Urban Beat Contenidos

El crepúsculo del poder mundial: los patriarcas del siglo XXI

No hay civilización con sentido común que no haya encumbrado y tenido como faro de experiencia y amor incondicional, a sus abuelos que, en definitiva, conforman el poder mundial del siglo XXI. Urban Beat se aleja del “edadismo”, porque entiende que la sabiduría envejece bien, pero el poder no, al contrario, se llena de un moho tóxico y nefasto cuyas esporas contaminan a su vez, a los nuevos retoños que quieran reverdecer en este mundo hostil en el cual nos hemos acomodado dentro de nuestras minúsculas existencias. Esto debe quedar diáfano entes de seguir leyendo este artículo. Trump tiene 79 años, Putin y Xi 72, Netanyahu 75, el ayatolá Jameneí 86; Fidel Castro se aferró al poder como un animal belicoso insensato hasta los 90 años.

Menciono estos personajes no por capricho, sino por un entendimiento del “ajedrez del poder mundial envejecido dentro de dialécticas obsoletas que dan jaque mate a la justicia social y universal”. Reitero, no es la edad, sino la coincidencia “edadística”. Todos ellos, de pie sobre los escombros y el mar de flores marchitas del siglo XXI que no acaba de zarpar hacia una voluntad común de respeto y dignidad humana, representan la última resistencia del cuerpo ante la muerte y del poder empecinado en perdurar ante la historia cambiante y reflexiva.
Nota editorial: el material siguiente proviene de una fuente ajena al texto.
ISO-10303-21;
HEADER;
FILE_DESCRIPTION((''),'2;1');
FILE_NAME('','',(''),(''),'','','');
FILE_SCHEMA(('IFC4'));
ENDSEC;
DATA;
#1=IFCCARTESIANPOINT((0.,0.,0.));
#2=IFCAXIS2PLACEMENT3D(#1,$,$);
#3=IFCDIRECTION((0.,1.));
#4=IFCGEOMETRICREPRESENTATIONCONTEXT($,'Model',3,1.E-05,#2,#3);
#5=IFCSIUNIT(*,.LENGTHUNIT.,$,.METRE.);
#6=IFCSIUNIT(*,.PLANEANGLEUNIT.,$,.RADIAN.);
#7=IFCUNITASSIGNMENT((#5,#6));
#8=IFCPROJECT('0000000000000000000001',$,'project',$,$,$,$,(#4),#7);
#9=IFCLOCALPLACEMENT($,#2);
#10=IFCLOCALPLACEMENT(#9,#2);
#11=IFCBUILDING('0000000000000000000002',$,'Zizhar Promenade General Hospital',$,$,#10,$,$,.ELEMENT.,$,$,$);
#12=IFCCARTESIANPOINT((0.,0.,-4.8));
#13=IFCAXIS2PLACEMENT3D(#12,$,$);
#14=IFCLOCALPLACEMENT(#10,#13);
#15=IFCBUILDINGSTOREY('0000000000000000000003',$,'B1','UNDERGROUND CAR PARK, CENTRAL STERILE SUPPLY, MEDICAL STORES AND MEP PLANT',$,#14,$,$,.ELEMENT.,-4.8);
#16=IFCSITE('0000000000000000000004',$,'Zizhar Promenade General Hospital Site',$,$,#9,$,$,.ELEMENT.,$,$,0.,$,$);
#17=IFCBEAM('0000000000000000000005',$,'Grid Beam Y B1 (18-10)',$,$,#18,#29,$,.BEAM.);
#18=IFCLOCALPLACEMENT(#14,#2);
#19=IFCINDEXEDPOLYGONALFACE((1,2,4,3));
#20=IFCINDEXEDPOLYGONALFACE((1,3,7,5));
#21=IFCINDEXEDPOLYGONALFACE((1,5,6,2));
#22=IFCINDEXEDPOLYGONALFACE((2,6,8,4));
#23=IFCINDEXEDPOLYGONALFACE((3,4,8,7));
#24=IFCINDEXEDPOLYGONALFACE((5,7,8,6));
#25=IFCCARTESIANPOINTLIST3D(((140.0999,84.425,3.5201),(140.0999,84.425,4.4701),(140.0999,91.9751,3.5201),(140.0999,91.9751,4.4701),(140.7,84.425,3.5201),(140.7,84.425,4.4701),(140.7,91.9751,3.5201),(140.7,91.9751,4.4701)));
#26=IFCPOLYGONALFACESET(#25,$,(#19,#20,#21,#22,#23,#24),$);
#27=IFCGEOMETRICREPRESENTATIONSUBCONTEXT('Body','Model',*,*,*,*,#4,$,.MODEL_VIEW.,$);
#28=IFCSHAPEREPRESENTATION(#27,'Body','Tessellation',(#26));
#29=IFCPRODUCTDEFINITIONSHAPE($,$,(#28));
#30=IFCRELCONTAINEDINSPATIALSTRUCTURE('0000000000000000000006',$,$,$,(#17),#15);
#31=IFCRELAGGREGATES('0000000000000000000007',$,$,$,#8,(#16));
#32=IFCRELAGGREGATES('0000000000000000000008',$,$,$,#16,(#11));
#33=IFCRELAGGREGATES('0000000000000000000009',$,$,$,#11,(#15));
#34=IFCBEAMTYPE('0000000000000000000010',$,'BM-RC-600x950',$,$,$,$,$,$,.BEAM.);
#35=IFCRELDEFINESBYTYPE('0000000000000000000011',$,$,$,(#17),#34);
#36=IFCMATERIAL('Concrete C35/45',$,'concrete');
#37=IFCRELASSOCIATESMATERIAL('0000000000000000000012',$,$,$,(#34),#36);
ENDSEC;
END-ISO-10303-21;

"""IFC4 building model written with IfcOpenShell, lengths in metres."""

from ifc_helpers import new_model, si_unit, direction, frame, origin, origin_2d, place, context, subcontext, project, spatial, rectangle, extrude, material, material_profile, profile_set, type_object, element, save


model = new_model("IFC4")

# Units and contexts
model_context = context("Model", 3, precision=1e-05, world=origin(), true_north=direction((0.0, 1.0)))
body_context = subcontext(model_context, "Body", "Model", "MODEL_VIEW")
ifc_project = project(units=[si_unit("LENGTHUNIT", "METRE"), si_unit("PLANEANGLEUNIT", "RADIAN")], contexts=[model_context])

# Site, building, storey
site_placement = place(None, origin())
site = spatial("IfcSite", under=ifc_project, at=site_placement, Name="Zizhar Promenade General Hospital Site", CompositionType="ELEMENT", RefElevation=0.0)
building_placement = place(site_placement, origin())
building = spatial("IfcBuilding", under=site, at=building_placement, Name="Zizhar Promenade General Hospital", CompositionType="ELEMENT")
storey_placement = place(building_placement, frame((0.0, 0.0, -4.8)))
storey = spatial("IfcBuildingStorey", under=building, at=storey_placement, Name="B1", Description="UNDERGROUND CAR PARK, CENTRAL STERILE SUPPLY, MEDICAL STORES AND MEP PLANT", CompositionType="ELEMENT", Elevation=-4.8)

# Beam
ifc_material_1 = material(Name="Concrete C35/45", Category="concrete")
ifc_material_profile_1 = material_profile(ifc_material_1, rectangle(XDim=0.6001, YDim=0.95, at=origin_2d()))
ifc_profile_set_1 = profile_set([ifc_material_profile_1], Name="Concrete C35/45")
beam_type_1 = type_object("IfcBeamType", Name="BM-RC-600x950", PredefinedType="BEAM", material=ifc_profile_set_1)
beam_placement = place(storey_placement, frame((140.3999, 84.425, 3.9951), z_axis=(0.0, 1.0, 0.0), x_axis=(-1.0, 0.0, 0.0)))
element("IfcBeam", 1, at=beam_placement, inside=storey, type_object=beam_type_1, Name="Grid Beam Y B1 (18-10)", PredefinedType="BEAM", context=body_context, shape_type="SweptSolid", body=[
    extrude(rectangle(XDim=0.6001, YDim=0.95, at=origin_2d()), origin(), (0.0, 0.0, 1.0), 7.55),
])

save(model, "model.ifc")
La  longevidad política de estos héroes es un espejo de nuestro planeta minúsculo dentro escenarios económicos neoliberales: una humanidad envejecida, asustada de su propio relevo, gobernada por espectros que confunden la memoria petrificada monetizada con la visión progresista insurrecta, que se autodestruye con conceptos absolutos ante una necesidad de un relevo que dé aire fresco y asuma responsabilidades dentro de esta “dudosa” Nueva Era. Es obvio que la edad no tiene nada que ver, como también es obvio que se repite un patrón porque la juventud que necesitamos solo se dedica a no hacerse respetar en sus disímiles maneras de entender el mundo, sin la seriedad que precisa la política. Los nietos: “instagramers cobardes insensatos apáticos”, los abuelos: intransigentes dueños de una verdad monolítica hasta límites insospechados que entendemos por cierto, que nos llevan al abismo de sus propias elucubraciones honestas, dentro de sus encuentros con micrófonos abiertos donde presumen de su longevidad séptica, cuando se reúnen como la nueva mafia mundial en escenarios internacionales. El mal está hecho, la bondad proscrita.

Hay algo supuestamente bíblico en la obstinación de estos hombres por manejar el poder mundial a toda costa. Los rodea un aire de eternidad fingida, como si el tiempo, por reverencia impostada o miedo insurrecto, se detuviera ante ellos. En sus discursos se advierte el temblor de los profetas cansados: cada frase parece una oración mal traducida del pasado, un eco que resuena en un teatro sin público. Pero lo que los sostiene no es la fe, sino la inercia: el aparato del poder los mantiene vivos, igual que una máquina de soporte vital sostiene un cuerpo que ya no respira por sí mismo.

Trump ansioso del poder mundial, con su energía grotesca y su carisma de carnaval americano elegido de manera democrática, es el showman que convirtió la senilidad en espectáculo, no porque sea senil sino porque eso le da liderazgo dentro de una necesidad menospreciada de un relevo que no acepta. Trump no es un irresponsable por ser viejo, es simplemente amigo de Putin, el exespía endurecido por la geografía hostil y los fantasmas del KGB. Putin es la petrificación de una Rusia que no sabe envejecer sin imperio y por tanto lanza bombas como caramelos a los niños de Ucrania. Xi Jinping, más sutil con una censura férrea con los disidentes amantes de la libertad de expresión, ha hecho de la longevidad una política de Estado: una continuidad sin rostro, una permanencia que asfixia el relevo con una fina filosofía oriental censora  hecha a medida. Netanyahu parece un personaje de la Torá reencarnado en político: astuto, fatigado de tanto masacrar niños palestinos, aún con la lengua afilada del superviviente que justifica su victimismo histórico, asesinando y asesinando en un bucle interminable. Y el ayatolá Jamenei, con sus 86 años, es casi un símbolo teológico de lo que ocurre cuando el poder se confunde con la eternidad: un hombre convertido en dogma, y un dogma convertido en régimen. Un régimen convertido en muerte.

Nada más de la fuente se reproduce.